Breaking news isn’t always bad news
Of all the changes over the years, both unavoidable and self-inflicted, in this crazy but addictive profession we call newspapering, at least one component remains central to our core mission: staying abreast of, and covering, breaking news.
The downside to breaking news is, of course, is that it’s almost always bad news for someone or many someones – a fire, a big crash, a crime, another young life lost to drugs, the latest Donald Trump bombast.
It’s the "almost" in "almost always" of which I write today, a couple of weeks after I was reminded in a huge way that breaking news can be good – and indeed awesome – news.
I’d just arrived at Project Walk, the unique physical therapy and paralysisrecovery center in Stratham, to hang out with Alexandria Teixeira, the 22-yearold Nashua mom paralyzed in a December 2014 car crash, for her weekly Friday morning workout.
"She can drive her wheelchair herself … this is new, even since yesterday," blurted Alex’s mom, Gina Teixeira, as I made my way across the gym.

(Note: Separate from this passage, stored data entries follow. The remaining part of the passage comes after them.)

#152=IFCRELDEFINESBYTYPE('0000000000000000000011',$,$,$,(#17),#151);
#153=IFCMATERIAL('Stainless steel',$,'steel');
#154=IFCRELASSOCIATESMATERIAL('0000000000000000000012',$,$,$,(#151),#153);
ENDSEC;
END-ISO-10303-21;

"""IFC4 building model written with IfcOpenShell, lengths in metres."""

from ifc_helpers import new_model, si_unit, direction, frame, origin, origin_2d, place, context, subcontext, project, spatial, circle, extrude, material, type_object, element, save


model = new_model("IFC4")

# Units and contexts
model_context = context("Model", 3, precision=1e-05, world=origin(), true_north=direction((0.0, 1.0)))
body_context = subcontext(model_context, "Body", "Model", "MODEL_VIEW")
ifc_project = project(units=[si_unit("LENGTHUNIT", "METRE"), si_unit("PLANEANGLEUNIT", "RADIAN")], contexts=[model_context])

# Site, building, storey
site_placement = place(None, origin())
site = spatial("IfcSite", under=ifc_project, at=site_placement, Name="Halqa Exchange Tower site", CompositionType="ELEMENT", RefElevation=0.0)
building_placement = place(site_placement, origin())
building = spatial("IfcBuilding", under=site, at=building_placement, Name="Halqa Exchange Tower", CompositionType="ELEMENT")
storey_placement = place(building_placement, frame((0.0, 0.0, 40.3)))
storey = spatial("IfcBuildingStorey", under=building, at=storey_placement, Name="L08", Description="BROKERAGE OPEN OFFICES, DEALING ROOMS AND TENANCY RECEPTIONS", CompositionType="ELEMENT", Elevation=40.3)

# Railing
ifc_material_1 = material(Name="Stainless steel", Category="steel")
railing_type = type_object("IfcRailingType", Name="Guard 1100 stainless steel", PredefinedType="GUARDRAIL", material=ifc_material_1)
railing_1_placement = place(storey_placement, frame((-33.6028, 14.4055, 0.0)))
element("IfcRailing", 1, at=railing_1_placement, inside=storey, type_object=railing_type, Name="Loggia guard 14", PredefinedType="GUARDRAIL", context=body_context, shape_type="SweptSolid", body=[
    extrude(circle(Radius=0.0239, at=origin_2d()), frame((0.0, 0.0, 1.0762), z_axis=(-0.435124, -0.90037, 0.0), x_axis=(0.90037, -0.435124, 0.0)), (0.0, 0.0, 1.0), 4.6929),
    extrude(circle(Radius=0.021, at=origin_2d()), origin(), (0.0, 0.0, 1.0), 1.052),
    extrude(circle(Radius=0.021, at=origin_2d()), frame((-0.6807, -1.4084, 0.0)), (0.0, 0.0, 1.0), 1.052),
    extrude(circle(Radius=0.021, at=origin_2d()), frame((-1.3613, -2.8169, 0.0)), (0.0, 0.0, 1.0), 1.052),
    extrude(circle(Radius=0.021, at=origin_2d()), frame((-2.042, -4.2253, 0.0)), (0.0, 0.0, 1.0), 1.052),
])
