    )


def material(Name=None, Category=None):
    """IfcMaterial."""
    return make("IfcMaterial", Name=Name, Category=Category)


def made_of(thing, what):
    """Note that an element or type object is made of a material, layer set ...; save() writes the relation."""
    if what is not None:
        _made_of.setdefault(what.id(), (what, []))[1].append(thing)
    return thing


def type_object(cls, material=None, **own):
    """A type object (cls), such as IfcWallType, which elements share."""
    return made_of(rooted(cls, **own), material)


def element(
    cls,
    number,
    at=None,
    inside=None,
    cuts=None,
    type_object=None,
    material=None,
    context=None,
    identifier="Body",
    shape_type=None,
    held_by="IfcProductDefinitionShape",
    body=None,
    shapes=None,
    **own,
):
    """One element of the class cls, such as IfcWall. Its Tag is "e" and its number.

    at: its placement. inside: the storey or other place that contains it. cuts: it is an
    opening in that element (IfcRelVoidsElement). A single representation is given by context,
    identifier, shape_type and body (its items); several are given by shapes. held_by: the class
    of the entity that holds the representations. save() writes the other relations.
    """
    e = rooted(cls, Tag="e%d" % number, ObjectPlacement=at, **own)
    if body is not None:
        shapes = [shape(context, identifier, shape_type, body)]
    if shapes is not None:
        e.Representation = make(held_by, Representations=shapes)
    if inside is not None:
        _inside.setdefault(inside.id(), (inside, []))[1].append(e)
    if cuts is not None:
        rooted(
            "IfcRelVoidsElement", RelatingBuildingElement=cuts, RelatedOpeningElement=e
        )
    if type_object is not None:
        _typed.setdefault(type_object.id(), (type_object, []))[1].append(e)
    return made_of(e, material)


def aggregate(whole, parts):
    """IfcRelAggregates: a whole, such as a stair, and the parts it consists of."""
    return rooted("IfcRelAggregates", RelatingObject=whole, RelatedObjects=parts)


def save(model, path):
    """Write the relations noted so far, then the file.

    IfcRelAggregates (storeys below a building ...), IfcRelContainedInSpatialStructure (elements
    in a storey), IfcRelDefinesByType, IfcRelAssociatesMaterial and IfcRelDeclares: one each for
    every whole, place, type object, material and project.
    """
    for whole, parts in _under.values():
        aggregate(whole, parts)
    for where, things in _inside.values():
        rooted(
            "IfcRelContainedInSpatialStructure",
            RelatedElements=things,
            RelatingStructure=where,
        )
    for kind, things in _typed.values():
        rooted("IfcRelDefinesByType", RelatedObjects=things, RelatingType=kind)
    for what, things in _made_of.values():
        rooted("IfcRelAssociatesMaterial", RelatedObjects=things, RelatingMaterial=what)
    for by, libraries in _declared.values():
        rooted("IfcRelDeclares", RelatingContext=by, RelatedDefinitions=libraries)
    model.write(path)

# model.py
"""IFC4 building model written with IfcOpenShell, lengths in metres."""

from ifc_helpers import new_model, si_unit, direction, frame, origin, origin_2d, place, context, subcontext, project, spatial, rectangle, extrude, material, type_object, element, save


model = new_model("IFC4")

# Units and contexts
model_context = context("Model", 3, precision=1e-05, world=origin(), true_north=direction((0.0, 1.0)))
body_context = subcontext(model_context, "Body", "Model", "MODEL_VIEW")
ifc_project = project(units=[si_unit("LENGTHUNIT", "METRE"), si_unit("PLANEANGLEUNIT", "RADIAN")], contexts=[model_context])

She referred to the last time we and Alex’s aunt – Judy Tracy, who helps keep Alex’s calendar in order – communicated to confirm our meetup at Project Walk.
"Wow," I think I said, probably adding something about how great it is to hear good breaking news for a change.
The visit was my third to Project Walk to "check in" on Alex and her progress along the grueling but hopeful road on which she embarked shortly after Jackie and Larry Arlen – parents of former paralympian swimmer Victoria Arlen – opened Project Walk’s sixth franchise about 2½ years ago.
It’s actually called Project Walk Boston – probably because hardly anybody outside of New Hampshire has heard of Stratham. (Read more about it at www.projectwalk.com/ Boston/index.asp.) But back to the important stuff. Just as psyched as are Alex and her family over her newest milestone are members of her recovery team – which includes pretty much everyone who works there.
Especially so for the team leader, Daniele Crutcher, whose professional relationship with Alex has spawned a friendship typical of most all 20-somethings.
"Alex feels normal. She’s 22. She wants to go out with her friends," Crutcher told me. To that end, Crutcher has fitted Alex with a manual, folding wheelchair chiefly for their social excursions.
"I just lift her into my car, put the chair in the trunk, and off we go," Crutcher said. The sense of independence is powerful; even if there’s no particular destination, merely having the "normal" experience of sitting in the front seat of a car and going for a ride is quite therapeutic in itself.
Alex’s family and friends are now planning the second annual Alexandria’s Avenue to Awareness Fundraiser, the proceeds of which help to offset medical and other expenses not covered by insurance. For details, see the accompanying information box.
Alex’s daughter Alyvia, 2, has also become a part of her mom’s workouts. Sometimes brushing her mom’s hair from her face, sometimes climbing onto Alex’s back as Crutcher and her team run her through her mat exercises, Alyvia has sort of integrated herself – almost seamlessly – into the process, the specialists say with a smile.
And her mom’s newest accomplishment didn’t escape the little girl’s notice.
"Mommy’s driving! Mommy’s driving!" Gina Teixeira recalled her granddaughter exclaiming when she first saw Alex’s power chair moving, stopping, moving and stopping again – with nobody else around.
Crutcher said although Alex still has little, if any, mobility in her arms, she manages to work the "joystick" control by shifting her shoulder back and forth. For now, someone still needs to plop her hand on the joystick – but that will soon change, Crutcher predicted.
"It’s been my goal since she came here," she said of Alex’s ability to operate the chair herself. "Now my goal is getting her to move her arm on and off the joystick."
Alex’s team has focused a lot in recent weeks on core-strengthening exercises, Crutcher said. Blessed with unusually good posture – "for her level of movement, she has the best posture here," she says – Alex has started doing modified pushups, and her range of motion has widened.
Alex has "a lot more" sensation, too, and can feel her muscles when the specialists are stretching them. She can feel her clothing on parts of her body.
Once in a while, Crutcher said, she can see Alex’s biceps contract, and occasionally a finger or two will move. "It depends on the day," she said.